Hey, Jeff. Holding space. Another great read.
Our discussions about light come to mind especially your exploration of what it means to be in one place and the space that entails.
Here’s something about light, it’s superpositional. It doesn’t hold space. Because unlike objects more light can be in one place at any given time. I think all the light is in each place all the time, but that’s a longer, much longer conversation.
Light’s superpositional capability is observed by us every time we open our eyes, especially those of us with two eyes.

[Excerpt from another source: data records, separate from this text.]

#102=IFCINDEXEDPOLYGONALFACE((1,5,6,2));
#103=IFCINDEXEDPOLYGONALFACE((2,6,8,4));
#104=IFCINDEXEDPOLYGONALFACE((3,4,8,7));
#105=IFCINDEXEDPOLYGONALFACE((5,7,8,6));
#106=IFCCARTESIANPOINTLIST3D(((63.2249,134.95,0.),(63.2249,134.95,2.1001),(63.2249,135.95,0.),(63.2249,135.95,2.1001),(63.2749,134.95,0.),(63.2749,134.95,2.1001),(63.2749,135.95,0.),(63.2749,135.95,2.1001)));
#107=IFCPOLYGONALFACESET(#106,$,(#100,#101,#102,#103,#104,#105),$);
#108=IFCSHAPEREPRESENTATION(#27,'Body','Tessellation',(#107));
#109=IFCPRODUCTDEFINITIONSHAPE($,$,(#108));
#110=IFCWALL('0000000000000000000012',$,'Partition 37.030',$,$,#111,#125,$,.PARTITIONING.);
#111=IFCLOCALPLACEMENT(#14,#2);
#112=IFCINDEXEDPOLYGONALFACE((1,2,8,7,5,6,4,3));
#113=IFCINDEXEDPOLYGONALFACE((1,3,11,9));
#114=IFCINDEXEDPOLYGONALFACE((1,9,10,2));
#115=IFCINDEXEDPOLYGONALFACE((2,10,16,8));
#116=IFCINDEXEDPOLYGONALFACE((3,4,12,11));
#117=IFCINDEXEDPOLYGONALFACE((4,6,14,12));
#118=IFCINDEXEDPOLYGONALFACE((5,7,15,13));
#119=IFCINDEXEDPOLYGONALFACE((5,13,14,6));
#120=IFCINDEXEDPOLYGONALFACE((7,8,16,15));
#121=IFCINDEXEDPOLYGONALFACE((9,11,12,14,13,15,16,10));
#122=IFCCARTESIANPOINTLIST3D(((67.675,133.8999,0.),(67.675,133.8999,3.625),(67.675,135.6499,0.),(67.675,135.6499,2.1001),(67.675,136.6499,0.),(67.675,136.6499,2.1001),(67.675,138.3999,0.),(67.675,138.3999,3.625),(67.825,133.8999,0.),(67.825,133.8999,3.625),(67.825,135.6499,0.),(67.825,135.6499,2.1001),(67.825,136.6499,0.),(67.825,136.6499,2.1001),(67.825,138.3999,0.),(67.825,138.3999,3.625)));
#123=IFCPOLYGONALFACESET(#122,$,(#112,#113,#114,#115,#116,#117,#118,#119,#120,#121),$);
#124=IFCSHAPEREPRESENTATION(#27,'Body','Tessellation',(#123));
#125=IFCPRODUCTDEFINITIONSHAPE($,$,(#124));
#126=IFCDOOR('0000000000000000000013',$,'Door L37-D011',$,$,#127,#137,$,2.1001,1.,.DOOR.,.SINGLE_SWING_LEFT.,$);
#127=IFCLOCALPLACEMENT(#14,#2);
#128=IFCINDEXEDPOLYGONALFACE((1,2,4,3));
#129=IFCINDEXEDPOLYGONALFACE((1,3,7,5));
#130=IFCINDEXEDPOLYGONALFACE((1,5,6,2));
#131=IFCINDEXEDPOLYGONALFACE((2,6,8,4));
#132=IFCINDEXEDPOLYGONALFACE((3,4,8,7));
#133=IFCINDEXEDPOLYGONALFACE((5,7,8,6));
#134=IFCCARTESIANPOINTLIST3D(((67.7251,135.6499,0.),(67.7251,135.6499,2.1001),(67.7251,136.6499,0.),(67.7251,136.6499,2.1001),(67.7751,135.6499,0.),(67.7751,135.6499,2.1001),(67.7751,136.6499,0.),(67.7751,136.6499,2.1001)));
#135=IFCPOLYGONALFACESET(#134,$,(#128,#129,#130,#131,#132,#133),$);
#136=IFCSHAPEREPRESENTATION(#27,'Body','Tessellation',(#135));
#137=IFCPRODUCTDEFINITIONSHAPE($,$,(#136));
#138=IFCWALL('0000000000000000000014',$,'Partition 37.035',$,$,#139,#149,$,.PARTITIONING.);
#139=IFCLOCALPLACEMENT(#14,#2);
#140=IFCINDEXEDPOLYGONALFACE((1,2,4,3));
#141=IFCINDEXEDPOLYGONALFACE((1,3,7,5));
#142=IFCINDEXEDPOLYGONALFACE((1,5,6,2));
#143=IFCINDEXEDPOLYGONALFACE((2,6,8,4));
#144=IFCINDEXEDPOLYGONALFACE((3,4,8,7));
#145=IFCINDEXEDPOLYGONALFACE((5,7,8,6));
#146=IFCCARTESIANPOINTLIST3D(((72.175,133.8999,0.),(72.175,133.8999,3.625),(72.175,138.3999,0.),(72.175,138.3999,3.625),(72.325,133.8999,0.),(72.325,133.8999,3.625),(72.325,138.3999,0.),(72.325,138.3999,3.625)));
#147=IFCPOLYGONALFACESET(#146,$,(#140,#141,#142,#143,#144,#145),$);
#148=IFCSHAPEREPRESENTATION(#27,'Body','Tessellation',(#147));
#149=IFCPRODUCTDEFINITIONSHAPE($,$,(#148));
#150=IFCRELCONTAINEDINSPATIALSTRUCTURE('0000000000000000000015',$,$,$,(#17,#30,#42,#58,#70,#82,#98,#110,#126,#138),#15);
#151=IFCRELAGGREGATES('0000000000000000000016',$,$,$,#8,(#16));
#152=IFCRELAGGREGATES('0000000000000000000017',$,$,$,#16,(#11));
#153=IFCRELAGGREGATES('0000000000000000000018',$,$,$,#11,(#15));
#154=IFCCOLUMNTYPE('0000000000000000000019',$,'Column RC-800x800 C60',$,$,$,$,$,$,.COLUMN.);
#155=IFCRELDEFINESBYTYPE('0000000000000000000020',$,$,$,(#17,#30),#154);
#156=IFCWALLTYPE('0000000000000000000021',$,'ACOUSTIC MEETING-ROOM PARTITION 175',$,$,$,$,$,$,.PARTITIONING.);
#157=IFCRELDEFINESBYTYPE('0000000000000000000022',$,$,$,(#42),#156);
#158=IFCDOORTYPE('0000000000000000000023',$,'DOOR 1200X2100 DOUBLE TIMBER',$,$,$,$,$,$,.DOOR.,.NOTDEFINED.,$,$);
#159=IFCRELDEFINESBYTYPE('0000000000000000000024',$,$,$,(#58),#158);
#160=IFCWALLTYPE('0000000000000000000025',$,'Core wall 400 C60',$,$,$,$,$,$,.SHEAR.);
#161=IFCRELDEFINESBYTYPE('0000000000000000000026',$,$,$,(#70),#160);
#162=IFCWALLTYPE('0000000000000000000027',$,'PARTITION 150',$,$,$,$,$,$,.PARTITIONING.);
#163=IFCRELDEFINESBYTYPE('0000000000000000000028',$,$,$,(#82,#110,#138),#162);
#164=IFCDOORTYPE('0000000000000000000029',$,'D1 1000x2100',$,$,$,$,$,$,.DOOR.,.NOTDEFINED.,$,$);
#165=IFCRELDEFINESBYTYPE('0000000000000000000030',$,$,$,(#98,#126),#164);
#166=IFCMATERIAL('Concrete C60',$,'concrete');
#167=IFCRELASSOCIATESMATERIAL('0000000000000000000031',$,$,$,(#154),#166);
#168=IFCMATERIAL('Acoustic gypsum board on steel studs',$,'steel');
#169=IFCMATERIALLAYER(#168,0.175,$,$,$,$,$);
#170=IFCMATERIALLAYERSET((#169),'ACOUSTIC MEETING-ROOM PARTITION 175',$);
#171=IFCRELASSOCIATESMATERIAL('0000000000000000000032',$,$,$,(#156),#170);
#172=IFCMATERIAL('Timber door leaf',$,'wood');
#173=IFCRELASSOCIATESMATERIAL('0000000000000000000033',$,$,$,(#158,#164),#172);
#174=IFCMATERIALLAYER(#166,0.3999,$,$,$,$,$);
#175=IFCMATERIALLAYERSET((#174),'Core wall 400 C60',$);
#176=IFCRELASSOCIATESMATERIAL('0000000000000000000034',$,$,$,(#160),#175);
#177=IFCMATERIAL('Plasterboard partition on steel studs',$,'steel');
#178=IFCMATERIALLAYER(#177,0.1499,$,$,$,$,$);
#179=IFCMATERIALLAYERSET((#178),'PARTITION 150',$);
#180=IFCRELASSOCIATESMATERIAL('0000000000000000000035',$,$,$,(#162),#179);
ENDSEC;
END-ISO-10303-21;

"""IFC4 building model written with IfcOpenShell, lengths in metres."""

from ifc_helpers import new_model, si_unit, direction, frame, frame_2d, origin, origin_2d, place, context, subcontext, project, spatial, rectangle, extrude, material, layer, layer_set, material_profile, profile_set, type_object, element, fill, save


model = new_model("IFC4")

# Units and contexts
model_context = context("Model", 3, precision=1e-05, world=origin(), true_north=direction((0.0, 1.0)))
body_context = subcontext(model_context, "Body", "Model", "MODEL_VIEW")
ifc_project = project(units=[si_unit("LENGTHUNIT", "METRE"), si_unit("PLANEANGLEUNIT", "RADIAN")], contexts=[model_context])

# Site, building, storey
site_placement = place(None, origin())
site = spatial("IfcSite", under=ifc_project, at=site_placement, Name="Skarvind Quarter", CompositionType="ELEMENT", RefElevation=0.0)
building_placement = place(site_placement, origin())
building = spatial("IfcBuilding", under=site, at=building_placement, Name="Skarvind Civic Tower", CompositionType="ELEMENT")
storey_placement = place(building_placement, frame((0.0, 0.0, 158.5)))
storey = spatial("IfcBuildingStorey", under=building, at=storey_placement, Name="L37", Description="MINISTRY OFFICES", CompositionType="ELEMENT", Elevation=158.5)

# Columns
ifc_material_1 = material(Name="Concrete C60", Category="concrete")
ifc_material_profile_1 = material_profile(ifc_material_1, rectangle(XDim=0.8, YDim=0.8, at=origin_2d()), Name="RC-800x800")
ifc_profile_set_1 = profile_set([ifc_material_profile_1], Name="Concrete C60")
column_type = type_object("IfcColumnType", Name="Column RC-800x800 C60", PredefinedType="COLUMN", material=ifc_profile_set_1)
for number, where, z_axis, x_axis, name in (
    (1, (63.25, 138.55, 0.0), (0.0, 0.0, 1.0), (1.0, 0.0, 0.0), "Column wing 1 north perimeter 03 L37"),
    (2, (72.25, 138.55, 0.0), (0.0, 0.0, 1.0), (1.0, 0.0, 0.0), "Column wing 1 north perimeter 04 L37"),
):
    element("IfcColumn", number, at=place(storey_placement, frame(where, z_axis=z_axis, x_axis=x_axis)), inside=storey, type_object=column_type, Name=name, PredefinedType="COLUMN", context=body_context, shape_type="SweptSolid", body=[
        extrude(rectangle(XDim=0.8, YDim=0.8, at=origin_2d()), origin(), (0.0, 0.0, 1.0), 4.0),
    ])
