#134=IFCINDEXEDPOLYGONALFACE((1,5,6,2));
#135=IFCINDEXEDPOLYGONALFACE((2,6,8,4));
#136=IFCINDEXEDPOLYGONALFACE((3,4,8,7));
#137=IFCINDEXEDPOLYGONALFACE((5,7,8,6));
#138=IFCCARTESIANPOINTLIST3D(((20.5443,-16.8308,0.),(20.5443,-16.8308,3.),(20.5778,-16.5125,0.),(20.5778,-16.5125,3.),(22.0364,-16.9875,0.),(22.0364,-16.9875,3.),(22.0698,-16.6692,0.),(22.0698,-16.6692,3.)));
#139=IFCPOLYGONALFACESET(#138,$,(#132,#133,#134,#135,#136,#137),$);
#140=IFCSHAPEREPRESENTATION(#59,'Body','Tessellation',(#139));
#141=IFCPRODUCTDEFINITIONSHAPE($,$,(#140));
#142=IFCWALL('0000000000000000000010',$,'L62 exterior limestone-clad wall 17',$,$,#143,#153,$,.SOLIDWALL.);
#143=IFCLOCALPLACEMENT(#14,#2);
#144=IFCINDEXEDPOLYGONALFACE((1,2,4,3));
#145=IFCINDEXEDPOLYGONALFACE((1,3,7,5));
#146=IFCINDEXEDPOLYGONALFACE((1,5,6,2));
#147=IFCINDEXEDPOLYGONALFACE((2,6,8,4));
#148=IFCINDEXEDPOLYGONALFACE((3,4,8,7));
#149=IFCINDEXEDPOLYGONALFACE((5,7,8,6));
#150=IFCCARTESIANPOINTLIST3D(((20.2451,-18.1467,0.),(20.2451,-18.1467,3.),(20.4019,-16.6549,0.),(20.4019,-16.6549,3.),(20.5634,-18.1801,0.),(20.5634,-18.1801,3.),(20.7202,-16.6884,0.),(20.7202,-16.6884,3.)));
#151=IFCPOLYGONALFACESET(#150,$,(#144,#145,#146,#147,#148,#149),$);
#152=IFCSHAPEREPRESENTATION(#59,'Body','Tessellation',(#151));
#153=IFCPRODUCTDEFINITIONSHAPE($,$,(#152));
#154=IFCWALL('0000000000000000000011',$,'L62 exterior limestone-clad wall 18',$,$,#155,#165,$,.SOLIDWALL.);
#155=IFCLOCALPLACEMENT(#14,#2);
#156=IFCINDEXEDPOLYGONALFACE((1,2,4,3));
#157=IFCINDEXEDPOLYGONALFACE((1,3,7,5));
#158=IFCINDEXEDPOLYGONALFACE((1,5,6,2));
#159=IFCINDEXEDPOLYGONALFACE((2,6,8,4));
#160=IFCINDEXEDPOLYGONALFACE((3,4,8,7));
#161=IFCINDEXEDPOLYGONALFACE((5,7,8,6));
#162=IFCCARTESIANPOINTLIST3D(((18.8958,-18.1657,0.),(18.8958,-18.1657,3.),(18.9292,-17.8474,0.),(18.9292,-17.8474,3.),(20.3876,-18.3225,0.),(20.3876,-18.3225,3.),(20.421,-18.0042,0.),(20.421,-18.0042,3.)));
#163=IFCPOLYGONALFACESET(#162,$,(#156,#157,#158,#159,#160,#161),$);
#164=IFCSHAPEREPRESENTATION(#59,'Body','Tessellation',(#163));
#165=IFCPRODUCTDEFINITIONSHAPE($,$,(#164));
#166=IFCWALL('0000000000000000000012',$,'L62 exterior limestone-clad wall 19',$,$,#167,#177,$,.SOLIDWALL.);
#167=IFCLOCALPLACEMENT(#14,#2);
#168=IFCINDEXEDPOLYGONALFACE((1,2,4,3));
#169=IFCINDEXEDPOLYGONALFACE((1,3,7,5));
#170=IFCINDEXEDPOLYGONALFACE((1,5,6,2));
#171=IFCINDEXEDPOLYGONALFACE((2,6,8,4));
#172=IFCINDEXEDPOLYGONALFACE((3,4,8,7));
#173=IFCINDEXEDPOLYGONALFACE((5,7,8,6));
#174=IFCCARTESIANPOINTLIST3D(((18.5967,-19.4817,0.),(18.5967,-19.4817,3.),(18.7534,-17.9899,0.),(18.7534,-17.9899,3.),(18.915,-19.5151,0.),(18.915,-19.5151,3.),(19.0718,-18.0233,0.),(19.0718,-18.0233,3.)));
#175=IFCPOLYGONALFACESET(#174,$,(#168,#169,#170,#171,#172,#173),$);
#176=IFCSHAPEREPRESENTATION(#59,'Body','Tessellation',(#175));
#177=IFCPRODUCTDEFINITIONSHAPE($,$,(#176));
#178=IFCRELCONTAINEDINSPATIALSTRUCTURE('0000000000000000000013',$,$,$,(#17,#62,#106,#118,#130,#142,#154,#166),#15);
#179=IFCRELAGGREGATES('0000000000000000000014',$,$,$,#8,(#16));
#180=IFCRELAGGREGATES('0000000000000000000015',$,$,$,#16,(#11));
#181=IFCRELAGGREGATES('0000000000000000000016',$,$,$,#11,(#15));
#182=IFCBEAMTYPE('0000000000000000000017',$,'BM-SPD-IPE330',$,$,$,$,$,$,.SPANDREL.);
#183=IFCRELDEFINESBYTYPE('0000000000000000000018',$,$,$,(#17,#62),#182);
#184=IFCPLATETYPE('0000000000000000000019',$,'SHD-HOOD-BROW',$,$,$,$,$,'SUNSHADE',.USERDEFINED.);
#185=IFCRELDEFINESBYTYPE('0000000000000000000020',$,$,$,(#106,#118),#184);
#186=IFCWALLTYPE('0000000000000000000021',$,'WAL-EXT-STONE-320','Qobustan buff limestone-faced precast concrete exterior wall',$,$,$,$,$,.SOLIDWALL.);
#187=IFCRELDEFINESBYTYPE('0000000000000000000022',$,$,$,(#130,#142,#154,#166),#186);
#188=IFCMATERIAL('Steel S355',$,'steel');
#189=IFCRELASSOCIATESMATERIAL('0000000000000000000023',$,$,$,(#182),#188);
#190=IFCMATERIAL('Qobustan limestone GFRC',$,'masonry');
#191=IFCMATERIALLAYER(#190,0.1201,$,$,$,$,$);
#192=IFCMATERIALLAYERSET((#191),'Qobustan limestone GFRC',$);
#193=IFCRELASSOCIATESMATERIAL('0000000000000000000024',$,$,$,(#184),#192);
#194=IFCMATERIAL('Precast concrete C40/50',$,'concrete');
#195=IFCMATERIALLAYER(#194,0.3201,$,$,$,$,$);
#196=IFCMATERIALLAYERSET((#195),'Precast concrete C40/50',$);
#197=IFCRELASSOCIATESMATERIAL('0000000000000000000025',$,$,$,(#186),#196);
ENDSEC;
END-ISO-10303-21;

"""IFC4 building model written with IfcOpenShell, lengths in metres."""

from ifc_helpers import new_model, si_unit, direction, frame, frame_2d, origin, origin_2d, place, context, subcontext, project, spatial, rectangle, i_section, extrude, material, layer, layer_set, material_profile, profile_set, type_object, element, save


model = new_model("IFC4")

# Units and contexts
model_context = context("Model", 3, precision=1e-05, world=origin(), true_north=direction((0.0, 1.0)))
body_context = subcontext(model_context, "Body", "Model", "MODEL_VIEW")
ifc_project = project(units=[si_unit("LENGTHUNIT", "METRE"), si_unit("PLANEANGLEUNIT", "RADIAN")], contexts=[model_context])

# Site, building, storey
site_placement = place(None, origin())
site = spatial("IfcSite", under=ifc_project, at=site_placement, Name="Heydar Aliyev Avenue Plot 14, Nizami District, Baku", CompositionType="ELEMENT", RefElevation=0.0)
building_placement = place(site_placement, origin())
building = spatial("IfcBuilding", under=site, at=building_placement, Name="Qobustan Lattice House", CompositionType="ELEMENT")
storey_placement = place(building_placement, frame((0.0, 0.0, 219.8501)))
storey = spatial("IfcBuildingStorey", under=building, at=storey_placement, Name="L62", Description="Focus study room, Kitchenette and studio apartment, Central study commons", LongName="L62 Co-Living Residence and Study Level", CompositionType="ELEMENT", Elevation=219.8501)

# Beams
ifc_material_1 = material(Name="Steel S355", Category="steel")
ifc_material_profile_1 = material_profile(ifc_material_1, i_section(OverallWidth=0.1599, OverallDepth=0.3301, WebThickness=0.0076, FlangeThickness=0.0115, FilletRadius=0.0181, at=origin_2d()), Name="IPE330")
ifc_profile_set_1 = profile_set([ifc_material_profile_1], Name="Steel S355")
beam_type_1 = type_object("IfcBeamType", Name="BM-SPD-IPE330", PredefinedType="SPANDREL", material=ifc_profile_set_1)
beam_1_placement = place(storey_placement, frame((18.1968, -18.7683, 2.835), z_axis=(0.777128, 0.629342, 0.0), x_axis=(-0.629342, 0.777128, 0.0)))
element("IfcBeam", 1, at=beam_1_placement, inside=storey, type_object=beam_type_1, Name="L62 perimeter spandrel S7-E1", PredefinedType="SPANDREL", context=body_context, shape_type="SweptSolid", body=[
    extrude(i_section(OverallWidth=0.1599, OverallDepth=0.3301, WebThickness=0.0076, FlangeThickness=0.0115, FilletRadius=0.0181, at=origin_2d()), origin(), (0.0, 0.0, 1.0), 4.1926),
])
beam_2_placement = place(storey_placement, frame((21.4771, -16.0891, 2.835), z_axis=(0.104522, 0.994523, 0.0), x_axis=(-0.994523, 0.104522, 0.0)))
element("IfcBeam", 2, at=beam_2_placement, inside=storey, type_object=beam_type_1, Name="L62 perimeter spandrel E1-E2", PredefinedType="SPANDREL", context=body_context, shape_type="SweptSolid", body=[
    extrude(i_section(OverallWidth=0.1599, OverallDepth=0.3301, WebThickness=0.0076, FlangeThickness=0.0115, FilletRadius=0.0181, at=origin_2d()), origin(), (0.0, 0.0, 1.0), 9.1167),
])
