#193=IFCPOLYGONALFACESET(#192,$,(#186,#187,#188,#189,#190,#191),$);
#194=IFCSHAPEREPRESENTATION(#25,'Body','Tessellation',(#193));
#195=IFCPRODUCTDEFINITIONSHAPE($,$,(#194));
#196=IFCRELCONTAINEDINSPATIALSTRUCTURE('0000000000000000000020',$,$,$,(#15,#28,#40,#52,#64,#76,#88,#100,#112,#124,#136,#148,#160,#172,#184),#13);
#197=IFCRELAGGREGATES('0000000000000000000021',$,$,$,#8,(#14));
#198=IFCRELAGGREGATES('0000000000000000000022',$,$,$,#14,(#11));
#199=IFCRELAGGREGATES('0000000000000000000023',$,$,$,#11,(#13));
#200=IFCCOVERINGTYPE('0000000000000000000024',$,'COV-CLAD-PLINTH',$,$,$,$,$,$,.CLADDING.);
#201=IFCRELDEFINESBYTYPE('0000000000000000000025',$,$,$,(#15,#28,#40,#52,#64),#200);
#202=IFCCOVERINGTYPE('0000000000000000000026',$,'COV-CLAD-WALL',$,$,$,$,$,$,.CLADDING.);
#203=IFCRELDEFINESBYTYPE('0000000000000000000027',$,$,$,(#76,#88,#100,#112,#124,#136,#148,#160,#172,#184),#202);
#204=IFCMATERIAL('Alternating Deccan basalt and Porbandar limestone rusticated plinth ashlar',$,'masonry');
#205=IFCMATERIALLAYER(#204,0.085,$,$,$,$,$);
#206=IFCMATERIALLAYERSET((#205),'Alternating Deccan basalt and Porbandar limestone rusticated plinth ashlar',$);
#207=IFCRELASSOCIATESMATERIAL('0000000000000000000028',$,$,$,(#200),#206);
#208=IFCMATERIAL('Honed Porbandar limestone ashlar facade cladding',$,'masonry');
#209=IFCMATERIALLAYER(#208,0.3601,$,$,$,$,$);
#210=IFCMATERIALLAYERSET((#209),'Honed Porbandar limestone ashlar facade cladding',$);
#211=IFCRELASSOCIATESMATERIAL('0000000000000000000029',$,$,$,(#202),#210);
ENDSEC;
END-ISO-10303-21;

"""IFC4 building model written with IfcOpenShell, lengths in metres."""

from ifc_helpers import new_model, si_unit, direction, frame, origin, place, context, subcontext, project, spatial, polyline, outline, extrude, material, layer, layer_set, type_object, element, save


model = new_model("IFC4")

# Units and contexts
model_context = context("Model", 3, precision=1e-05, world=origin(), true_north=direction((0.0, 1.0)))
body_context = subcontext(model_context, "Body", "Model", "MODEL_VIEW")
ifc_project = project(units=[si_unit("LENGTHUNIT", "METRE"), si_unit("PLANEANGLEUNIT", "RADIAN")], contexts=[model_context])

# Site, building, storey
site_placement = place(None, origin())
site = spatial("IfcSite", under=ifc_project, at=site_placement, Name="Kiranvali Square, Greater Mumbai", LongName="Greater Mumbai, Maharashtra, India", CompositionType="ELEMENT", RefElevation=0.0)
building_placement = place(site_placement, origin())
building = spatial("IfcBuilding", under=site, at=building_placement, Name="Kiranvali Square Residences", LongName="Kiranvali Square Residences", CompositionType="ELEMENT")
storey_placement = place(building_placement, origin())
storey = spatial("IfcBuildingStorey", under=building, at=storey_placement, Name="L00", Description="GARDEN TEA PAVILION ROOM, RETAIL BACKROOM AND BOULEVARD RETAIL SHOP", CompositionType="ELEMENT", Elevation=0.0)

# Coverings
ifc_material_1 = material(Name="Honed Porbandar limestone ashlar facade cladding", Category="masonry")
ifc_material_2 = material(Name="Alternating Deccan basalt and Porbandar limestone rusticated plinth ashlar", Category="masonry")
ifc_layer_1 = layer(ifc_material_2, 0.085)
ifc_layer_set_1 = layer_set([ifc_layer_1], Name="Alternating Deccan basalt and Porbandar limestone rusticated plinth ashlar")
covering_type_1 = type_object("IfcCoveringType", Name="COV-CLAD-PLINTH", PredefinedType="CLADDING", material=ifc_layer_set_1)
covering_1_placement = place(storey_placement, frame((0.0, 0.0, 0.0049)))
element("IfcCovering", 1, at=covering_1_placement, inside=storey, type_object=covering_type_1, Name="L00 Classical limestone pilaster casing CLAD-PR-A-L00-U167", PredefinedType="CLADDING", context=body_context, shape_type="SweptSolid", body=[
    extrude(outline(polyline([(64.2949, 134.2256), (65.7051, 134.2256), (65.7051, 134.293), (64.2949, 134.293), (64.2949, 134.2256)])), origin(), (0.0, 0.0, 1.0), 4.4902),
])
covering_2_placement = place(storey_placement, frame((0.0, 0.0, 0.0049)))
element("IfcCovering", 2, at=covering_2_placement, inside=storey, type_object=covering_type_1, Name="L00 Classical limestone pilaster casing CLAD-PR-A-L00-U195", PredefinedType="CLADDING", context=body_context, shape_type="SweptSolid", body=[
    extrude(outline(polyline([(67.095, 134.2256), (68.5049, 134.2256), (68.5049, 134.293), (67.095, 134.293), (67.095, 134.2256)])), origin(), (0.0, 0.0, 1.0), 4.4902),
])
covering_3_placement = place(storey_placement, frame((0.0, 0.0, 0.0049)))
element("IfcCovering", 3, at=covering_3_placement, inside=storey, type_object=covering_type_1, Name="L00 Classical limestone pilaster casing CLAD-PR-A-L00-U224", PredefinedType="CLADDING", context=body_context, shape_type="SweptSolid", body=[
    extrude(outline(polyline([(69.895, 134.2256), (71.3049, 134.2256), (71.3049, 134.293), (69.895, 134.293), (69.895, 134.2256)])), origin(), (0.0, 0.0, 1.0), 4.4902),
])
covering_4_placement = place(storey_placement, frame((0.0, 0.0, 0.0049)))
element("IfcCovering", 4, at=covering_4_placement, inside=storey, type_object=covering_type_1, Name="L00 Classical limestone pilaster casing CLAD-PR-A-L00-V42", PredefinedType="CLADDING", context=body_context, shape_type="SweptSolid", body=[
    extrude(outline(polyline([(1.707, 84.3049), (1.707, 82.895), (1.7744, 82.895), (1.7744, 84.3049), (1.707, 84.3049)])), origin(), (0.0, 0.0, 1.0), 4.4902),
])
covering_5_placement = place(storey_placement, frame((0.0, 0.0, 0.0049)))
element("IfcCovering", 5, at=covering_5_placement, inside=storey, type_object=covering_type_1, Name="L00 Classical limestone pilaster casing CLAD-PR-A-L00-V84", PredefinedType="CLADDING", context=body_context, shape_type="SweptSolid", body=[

Think of it. One eye takes in light from all directions. As far as the eye can see. All directions. The other eye would not be able to see anything except for light being superpositional. Without superposition the light seen by one eye, light coming from every direction, would not allow the other eye to see anything.
Luckily, light doesn’t hold space, so light can crisscross from all directions, everywhere all at once.
Sorry, to hear about your decline. Luckily your light shines ever brighter.
🙏
ONCE AGAIN, I AM AMAZED AT YOUR ABILITY TO WRITE SO BEAUTIFULLY. YOU ARE WONDERFUL. KEEP UP THE GOOD WORK. I AM SORRY THAT YOUR PARKINSONS IS PROGRESSING. I PRAY EVERY NIGHT THAT IT WON'T GET ANY WORSE. MY HEART IS WITH YOU. I LOVE YOU VERY MUCH.